In [1]:
import torch

## Testing broadcasting rules to see why keepdim=True matters

In [20]:
a = torch.Tensor([
    [1, 2], 
    [3, 4]])

In [21]:
s1 = a.sum(1, True)
print(s1)
print(s1.shape)

print(a / s1)

tensor([[3.],
        [7.]])
torch.Size([2, 1])
tensor([[0.3333, 0.6667],
        [0.4286, 0.5714]])


In [22]:
s2 = a.sum(1, False)
print(s2)
print(s2.shape)

print(a / s2)

tensor([3., 7.])
torch.Size([2])
tensor([[0.3333, 0.2857],
        [1.0000, 0.5714]])


In this example, `a` is a 2x2 tensor.

`s1 = a.sum(1, keepdim=True)` gives a tensor with shape `[2, 1]`

`s2 = a.sum(1, keepdim=False)` gives a tensor with shape `[2]`

`a / s1` causes each column to be copied. `[[1, 2], [3, 4]]` is divided by `[[3, 3], [7, 7]]`
`a / s2` causes each row to be copied. `[[1, 2], [3, 4]]` is divided by `[[3, 7], [3, 7]]`.

Another way to say this is that a tensor with one dimension is treated like a row tensor.

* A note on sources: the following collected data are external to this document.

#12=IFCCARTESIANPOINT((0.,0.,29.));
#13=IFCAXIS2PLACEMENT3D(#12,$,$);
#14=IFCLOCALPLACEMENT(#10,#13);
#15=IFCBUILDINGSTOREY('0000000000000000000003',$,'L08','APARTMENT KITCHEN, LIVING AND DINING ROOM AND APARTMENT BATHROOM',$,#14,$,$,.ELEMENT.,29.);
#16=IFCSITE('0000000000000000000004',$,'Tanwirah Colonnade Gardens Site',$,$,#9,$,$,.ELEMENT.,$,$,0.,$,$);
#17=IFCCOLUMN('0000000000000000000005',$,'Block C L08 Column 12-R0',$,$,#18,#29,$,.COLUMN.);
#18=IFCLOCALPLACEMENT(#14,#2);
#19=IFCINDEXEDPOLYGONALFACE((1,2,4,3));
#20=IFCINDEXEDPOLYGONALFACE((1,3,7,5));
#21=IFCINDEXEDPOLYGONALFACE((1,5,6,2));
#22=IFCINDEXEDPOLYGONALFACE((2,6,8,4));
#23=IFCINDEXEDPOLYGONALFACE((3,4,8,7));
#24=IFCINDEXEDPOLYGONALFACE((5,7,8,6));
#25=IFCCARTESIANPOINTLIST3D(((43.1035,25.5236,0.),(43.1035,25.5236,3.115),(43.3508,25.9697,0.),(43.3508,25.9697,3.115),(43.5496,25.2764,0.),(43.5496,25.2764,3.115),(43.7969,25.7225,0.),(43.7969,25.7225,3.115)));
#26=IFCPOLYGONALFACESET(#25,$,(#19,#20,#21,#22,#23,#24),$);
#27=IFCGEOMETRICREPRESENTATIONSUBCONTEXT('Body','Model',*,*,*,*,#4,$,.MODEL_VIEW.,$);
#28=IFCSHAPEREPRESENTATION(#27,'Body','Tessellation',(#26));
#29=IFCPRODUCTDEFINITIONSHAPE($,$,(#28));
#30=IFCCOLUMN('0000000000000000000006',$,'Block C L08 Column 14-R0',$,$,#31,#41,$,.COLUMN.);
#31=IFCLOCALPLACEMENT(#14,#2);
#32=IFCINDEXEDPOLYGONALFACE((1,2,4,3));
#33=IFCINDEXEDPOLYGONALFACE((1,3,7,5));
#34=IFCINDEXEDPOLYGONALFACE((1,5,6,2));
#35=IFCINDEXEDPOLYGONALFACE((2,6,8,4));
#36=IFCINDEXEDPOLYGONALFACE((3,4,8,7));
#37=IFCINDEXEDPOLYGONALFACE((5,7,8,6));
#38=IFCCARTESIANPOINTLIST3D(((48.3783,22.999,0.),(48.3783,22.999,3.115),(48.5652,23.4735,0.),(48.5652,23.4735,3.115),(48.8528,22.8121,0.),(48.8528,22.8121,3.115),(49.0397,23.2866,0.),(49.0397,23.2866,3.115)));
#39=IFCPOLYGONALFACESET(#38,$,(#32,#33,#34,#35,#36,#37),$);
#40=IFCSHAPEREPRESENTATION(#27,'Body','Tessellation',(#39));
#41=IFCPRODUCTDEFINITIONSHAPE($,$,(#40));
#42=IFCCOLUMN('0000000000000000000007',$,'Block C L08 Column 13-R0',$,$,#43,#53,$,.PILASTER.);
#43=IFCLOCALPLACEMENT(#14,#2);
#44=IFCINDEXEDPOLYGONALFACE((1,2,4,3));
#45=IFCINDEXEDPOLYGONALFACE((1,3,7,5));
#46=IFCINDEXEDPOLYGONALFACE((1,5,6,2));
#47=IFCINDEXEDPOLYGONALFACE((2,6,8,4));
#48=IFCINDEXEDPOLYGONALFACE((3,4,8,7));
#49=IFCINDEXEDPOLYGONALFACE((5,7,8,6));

When you perform a broadcasting operation with a one dimensional tensor, you will treat the one dimensional tensor as a row and make copies of it to make multiple columns.

## Testing broadcasting rules with a 3x2 tensor

In [32]:
a2 = torch.Tensor([
    [1, 2], 
    [3, 4],
    [5, 6]])

In [33]:
s1 = a2.sum(1, True)
print(s1.shape)

print(a2 / s1)


torch.Size([3, 1])
tensor([[0.3333, 0.6667],
        [0.4286, 0.5714],
        [0.4545, 0.5455]])


In [35]:
s2 = a2.sum(1, False)
print(s2.shape)

print(a2 / s2)


torch.Size([3])


RuntimeError: The size of tensor a (2) must match the size of tensor b (3) at non-singleton dimension 1

With a 3x2, tensor, we see that the broadcasting operation fails entirely, because we match the trailing dimension before moving on to other dimensions.

This also highlights that the overall operation we are trying to do doesn't make sense. If we trying to turn each row from a list of counts into a list of probabilities, the operation will fail entirely, rather than succeed buggily when we use a non-square tensor.